An existing ER model for a database of 16th-century European music books needs enhancement. The database tracks:
- Books containing music
- Pages within books
- Pieces of music
- Lines of music on pages

## Q4(a): Order and coordinates [3 marks]

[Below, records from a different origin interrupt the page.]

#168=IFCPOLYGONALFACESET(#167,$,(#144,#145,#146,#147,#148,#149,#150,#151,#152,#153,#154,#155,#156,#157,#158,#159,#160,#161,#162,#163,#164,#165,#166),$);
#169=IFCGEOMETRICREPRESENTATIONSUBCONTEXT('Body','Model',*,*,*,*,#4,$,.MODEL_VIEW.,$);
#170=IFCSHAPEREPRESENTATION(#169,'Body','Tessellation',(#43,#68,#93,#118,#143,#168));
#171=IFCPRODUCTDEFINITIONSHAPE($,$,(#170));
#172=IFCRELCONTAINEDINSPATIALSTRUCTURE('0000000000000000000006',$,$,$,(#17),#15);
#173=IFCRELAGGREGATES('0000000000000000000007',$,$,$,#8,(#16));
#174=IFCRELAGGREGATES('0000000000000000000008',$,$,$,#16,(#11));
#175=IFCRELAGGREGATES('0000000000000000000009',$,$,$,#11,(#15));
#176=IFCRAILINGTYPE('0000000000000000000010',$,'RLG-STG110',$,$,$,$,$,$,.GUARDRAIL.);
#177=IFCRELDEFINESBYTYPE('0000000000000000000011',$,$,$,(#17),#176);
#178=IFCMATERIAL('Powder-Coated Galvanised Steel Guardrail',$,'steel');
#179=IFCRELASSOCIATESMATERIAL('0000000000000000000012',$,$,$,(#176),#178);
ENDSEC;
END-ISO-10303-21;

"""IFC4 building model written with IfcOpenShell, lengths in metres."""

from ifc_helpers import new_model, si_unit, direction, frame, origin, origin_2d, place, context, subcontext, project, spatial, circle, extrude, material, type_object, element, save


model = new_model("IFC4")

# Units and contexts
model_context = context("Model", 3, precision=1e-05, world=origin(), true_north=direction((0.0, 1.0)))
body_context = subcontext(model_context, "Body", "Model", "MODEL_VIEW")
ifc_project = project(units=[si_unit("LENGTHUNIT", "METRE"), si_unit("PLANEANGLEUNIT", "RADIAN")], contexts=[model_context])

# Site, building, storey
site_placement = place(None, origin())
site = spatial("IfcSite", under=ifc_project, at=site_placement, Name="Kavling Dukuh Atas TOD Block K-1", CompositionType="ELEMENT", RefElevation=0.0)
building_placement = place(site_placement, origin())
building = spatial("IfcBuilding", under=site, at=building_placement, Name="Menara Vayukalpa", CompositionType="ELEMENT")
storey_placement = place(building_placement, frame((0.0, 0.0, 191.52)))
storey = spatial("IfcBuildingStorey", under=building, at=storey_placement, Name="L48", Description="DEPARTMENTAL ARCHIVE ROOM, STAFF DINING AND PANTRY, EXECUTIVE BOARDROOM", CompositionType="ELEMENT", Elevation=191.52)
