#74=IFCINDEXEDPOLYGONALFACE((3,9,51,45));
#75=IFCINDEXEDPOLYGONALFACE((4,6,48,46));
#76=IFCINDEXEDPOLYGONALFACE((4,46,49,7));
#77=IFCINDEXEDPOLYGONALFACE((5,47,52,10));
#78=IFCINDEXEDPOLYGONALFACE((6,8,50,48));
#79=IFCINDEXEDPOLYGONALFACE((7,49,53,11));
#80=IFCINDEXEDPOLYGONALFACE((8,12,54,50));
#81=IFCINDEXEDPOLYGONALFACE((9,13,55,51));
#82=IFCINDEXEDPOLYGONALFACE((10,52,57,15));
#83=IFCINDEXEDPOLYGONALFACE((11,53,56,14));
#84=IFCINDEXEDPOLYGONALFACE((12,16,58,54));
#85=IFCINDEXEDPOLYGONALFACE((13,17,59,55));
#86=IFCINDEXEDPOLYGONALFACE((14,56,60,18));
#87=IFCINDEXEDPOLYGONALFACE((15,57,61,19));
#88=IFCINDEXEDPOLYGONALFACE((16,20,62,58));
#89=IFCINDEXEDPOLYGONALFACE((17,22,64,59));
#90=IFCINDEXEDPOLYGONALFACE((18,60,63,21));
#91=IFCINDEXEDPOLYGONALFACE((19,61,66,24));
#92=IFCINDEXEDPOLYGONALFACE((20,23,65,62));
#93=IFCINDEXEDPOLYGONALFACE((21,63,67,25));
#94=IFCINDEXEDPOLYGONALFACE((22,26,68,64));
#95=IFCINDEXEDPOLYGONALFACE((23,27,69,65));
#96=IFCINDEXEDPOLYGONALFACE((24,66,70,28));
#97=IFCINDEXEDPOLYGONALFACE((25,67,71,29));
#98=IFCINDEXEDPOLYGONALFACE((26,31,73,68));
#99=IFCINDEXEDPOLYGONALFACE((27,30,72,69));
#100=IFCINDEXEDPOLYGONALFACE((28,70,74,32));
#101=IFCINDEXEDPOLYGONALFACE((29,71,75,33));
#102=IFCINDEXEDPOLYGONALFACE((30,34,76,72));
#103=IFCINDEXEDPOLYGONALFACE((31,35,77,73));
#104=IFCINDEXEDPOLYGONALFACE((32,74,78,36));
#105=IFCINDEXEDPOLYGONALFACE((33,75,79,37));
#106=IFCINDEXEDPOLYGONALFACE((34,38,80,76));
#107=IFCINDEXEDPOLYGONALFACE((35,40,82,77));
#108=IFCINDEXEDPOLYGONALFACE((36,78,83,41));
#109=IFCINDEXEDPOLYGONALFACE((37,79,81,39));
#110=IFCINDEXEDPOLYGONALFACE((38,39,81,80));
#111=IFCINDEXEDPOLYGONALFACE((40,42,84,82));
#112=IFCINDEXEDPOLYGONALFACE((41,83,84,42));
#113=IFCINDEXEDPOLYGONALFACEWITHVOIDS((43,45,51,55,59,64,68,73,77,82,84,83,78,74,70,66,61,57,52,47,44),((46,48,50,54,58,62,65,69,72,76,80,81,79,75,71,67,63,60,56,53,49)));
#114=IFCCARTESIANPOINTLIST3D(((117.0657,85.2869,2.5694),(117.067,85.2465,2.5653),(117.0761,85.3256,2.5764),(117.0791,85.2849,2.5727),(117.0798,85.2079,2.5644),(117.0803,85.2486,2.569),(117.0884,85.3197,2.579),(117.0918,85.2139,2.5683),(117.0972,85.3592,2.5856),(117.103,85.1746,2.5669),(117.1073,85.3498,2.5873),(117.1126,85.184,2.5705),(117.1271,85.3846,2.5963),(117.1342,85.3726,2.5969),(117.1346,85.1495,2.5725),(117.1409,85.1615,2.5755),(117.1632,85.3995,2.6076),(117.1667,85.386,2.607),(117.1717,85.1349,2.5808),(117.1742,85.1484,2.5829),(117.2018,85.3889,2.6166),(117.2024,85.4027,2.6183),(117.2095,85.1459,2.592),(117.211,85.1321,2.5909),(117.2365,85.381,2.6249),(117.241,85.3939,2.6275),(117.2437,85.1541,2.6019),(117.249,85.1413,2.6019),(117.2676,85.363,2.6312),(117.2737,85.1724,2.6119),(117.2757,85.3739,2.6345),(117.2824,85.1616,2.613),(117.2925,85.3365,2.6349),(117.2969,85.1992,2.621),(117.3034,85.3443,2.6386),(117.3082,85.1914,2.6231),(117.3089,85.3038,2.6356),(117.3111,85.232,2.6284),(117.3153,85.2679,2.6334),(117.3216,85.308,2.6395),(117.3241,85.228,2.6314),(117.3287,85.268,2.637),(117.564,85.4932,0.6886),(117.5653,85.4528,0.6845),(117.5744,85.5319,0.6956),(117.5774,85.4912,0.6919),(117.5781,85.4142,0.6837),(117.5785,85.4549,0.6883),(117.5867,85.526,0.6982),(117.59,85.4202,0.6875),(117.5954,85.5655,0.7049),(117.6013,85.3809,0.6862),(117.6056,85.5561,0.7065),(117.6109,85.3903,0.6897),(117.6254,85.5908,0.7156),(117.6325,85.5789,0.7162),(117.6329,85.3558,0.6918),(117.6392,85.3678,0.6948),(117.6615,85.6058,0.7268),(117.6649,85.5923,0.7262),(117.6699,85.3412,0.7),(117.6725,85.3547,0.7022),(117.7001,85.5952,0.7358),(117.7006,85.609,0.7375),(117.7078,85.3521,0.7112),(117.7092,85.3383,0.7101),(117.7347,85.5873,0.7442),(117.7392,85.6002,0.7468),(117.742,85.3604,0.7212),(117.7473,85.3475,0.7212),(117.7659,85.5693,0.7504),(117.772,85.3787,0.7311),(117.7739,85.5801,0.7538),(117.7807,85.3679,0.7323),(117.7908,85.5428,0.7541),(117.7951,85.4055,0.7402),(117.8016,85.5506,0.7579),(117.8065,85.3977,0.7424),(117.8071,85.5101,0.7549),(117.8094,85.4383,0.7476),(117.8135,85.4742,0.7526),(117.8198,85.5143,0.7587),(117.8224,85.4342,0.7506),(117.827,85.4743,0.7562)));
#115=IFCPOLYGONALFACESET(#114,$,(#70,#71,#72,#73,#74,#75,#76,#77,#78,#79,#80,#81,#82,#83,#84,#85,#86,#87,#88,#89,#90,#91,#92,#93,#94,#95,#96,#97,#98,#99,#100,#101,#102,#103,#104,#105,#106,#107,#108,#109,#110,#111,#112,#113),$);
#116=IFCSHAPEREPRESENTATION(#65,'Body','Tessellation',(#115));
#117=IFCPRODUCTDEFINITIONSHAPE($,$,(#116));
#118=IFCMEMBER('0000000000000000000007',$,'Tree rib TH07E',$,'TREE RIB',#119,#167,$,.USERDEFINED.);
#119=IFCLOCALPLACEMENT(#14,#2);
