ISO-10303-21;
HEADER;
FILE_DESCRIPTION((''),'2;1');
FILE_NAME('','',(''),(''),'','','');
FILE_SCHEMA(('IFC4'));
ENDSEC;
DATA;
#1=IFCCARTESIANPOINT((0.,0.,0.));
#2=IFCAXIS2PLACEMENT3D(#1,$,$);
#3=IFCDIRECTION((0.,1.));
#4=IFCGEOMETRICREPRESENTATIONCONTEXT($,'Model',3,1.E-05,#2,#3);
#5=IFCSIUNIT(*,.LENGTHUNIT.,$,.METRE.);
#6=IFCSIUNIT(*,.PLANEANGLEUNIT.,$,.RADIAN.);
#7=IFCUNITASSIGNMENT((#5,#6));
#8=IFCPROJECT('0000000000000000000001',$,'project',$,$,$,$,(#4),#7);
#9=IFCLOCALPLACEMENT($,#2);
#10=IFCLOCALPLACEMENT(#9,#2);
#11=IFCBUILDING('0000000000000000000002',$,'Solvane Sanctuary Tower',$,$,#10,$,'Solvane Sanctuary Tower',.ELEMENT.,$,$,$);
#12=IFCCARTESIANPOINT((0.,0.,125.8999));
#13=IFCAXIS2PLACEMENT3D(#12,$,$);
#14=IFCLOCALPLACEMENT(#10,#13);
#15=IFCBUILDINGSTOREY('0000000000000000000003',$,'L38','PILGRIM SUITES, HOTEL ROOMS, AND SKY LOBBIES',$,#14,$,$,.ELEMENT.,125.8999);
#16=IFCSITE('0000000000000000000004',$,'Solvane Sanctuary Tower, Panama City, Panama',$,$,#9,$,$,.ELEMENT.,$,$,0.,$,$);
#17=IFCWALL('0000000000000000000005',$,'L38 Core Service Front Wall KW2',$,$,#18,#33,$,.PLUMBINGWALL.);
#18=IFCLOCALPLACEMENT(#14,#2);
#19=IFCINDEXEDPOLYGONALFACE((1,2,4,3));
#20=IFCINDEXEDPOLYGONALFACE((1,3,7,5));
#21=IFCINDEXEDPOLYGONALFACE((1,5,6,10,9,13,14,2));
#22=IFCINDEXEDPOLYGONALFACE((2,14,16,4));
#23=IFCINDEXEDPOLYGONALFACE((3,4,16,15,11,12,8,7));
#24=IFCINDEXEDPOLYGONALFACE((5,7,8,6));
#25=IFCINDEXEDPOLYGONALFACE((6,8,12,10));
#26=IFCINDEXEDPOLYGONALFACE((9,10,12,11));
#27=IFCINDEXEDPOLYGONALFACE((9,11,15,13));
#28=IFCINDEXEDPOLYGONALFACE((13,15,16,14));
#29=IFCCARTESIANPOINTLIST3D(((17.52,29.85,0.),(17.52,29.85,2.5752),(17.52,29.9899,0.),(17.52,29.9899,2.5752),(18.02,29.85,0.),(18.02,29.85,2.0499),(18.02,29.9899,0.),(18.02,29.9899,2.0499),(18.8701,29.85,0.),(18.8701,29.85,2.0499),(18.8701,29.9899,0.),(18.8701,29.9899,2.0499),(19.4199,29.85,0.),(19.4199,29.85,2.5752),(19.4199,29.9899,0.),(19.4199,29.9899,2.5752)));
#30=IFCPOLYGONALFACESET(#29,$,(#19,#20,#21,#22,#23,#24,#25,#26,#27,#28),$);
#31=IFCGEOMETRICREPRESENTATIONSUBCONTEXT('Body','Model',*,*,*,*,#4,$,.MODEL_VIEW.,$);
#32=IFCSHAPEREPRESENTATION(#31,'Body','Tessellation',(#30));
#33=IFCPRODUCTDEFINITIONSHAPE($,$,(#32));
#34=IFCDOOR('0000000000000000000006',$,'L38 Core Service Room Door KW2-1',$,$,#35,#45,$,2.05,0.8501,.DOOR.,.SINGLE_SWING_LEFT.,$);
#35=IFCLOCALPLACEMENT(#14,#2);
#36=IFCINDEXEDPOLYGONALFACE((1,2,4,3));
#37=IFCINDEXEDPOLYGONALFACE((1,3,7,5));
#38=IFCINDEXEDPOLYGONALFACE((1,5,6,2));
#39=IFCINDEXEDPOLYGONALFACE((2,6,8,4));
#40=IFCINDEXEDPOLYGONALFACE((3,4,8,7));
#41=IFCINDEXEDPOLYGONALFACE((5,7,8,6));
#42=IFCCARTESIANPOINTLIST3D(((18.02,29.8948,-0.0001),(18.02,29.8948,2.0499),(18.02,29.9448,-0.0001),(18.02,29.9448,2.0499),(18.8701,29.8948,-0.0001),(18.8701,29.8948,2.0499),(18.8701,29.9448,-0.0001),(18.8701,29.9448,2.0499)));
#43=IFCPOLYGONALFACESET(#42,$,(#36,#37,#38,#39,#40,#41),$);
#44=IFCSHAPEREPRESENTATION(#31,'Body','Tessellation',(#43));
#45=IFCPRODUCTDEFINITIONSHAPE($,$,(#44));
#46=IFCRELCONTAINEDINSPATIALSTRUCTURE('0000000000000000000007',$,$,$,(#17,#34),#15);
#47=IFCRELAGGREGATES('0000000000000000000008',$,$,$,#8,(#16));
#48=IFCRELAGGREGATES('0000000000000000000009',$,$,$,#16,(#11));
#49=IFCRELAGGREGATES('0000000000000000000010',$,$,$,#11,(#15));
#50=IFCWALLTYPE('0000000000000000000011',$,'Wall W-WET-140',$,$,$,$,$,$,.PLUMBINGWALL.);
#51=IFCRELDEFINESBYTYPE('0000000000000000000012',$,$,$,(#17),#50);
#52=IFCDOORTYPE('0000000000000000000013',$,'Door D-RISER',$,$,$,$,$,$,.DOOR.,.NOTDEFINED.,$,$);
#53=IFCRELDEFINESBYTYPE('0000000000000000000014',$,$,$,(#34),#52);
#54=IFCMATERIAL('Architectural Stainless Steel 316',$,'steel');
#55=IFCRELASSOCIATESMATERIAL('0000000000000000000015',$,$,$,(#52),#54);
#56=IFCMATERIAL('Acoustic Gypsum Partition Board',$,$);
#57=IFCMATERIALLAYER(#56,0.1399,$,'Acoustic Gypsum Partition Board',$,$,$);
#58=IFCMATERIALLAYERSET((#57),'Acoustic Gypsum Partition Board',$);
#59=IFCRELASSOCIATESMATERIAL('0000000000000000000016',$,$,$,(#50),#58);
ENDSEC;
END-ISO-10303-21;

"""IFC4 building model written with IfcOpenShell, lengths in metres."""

from ifc_helpers import new_model, si_unit, direction, frame, frame_2d, origin, place, context, subcontext, project, spatial, rectangle, extrude, material, layer, layer_set, type_object, element, fill, save


model = new_model("IFC4")

# Units and contexts
model_context = context("Model", 3, precision=1e-05, world=origin(), true_north=direction((0.0, 1.0)))
body_context = subcontext(model_context, "Body", "Model", "MODEL_VIEW")
ifc_project = project(units=[si_unit("LENGTHUNIT", "METRE"), si_unit("PLANEANGLEUNIT", "RADIAN")], contexts=[model_context])

# Site, building, storey
site_placement = place(None, origin())
site = spatial("IfcSite", under=ifc_project, at=site_placement, Name="Solvane Sanctuary Tower, Panama City, Panama", CompositionType="ELEMENT", RefElevation=0.0)
building_placement = place(site_placement, origin())
building = spatial("IfcBuilding", under=site, at=building_placement, Name="Solvane Sanctuary Tower", LongName="Solvane Sanctuary Tower", CompositionType="ELEMENT")
storey_placement = place(building_placement, frame((0.0, 0.0, 125.8999)))
storey = spatial("IfcBuildingStorey", under=building, at=storey_placement, Name="L38", Description="PILGRIM SUITES, HOTEL ROOMS, AND SKY LOBBIES", CompositionType="ELEMENT", Elevation=125.8999)

# Shared definitions
ifc_material_1 = material(Name="Acoustic Gypsum Partition Board")

# Shared definitions
ifc_material_2 = material(Name="Architectural Stainless Steel 316", Category="steel")
door_type_1 = type_object("IfcDoorType", Name="Door D-RISER", OperationType="NOTDEFINED", PredefinedType="DOOR", material=ifc_material_2)

# Wall, opening, door
ifc_layer_1 = layer(ifc_material_1, 0.1399, Name="Acoustic Gypsum Partition Board")
ifc_layer_set_1 = layer_set([ifc_layer_1], Name="Acoustic Gypsum Partition Board")
wall_type_1 = type_object("IfcWallType", Name="Wall W-WET-140", PredefinedType="PLUMBINGWALL", material=ifc_layer_set_1)
wall_1_placement = place(storey_placement, frame((17.52, 29.9199, 0.0), z_axis=(0.0, 0.0, 1.0), x_axis=(1.0, 0.0, 0.0)))
wall_1 = element("IfcWall", 1, at=wall_1_placement, inside=storey, type_object=wall_type_1, Name="L38 Core Service Front Wall KW2", PredefinedType="PLUMBINGWALL", context=body_context, shape_type="SweptSolid", body=[
    extrude(rectangle(XDim=1.8999, YDim=0.1399, at=frame_2d((0.95, 0.0))), origin(), (0.0, 0.0, 1.0), 2.5752),
])
opening_1_placement = place(wall_1_placement, frame((0.5, 0.0, 0.0)))
opening_1 = element("IfcOpeningElement", 2, at=opening_1_placement, cuts=wall_1, PredefinedType="OPENING", context=body_context, shape_type="SweptSolid", body=[
    extrude(rectangle(XDim=0.8501, YDim=2.05, at=frame_2d((0.425, 1.0249))), frame((0.0, 0.0798, 0.0), z_axis=(0.0, -1.0, 0.0), x_axis=(1.0, 0.0, 0.0)), (0.0, 0.0, 1.0), 0.1599),
])
door_1_placement = place(opening_1_placement, origin())
door_1 = element("IfcDoor", 3, at=door_1_placement, inside=storey, type_object=door_type_1, Name="L38 Core Service Room Door KW2-1", OperationType="SINGLE_SWING_LEFT", OverallHeight=2.05, OverallWidth=0.8501, PredefinedType="DOOR", context=body_context, shape_type="SweptSolid", body=[
    extrude(rectangle(XDim=0.8501, YDim=2.05, at=frame_2d((0.425, 1.0249))), frame((0.0, 0.0249, 0.0), z_axis=(0.0, -1.0, 0.0), x_axis=(1.0, 0.0, 0.0)), (0.0, 0.0, 1.0), 0.05),
])
fill(opening_1, door_1)

save(model, "model.ifc")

**Question:** This model doesn't allow storing the order or coordinates for lines of music on a page. How could this be fixed?

In [None]:
# Q4(a) YOUR ANSWER:


## Q4(b): Tablebook format [8 marks]

**Question:** Some books are published in tablebook format, with multiple parts/voices to a piece and page regions with lines in different directions. How would you add these aspects to the model?

In [None]:
# Q4(b) YOUR ANSWER - New entities and relationships:


## Q4(c): Tables, PKs, and FKs [7 marks]

**Question:** List the tables, primary keys, and foreign keys for a relational implementation of your modified model.

In [None]:
# Q4(c) YOUR ANSWER:
# Table 1:
#   PK:
#   FKs:
#

In [None]:
%%sql
-- Q4(c) Create your tables:
DROP TABLE IF EXISTS Line;
DROP TABLE IF EXISTS Region;
DROP TABLE IF EXISTS Page;
DROP TABLE IF EXISTS Piece;
DROP TABLE IF EXISTS InstrumentOrVoicePart;
DROP TABLE IF EXISTS Book;

-- Add your CREATE TABLE statements here:


## Q4(d): Line count query [5 marks]

**Question:** Give a query to list pieces with the total number of lines of music that they occupy.

In [None]:
%%sql
-- Q4(d) YOUR SQL:


## Q4(e): Compare with another model [7 marks]

**Question:** Assess the suitability of this data structure for a relational model, and compare it with ONE other database model (XML-based, document-based, or Linked Data graph).

In [None]:
# Q4(e) YOUR ANSWER:
# Relational model assessment:
#   Pros:
#   Cons:
#
# Comparison with [XML/Document/Graph] model:
#   Pros:
#   Cons:
#
# Conclusion:

---

# Done!

Check your answers against the **solution sheet**.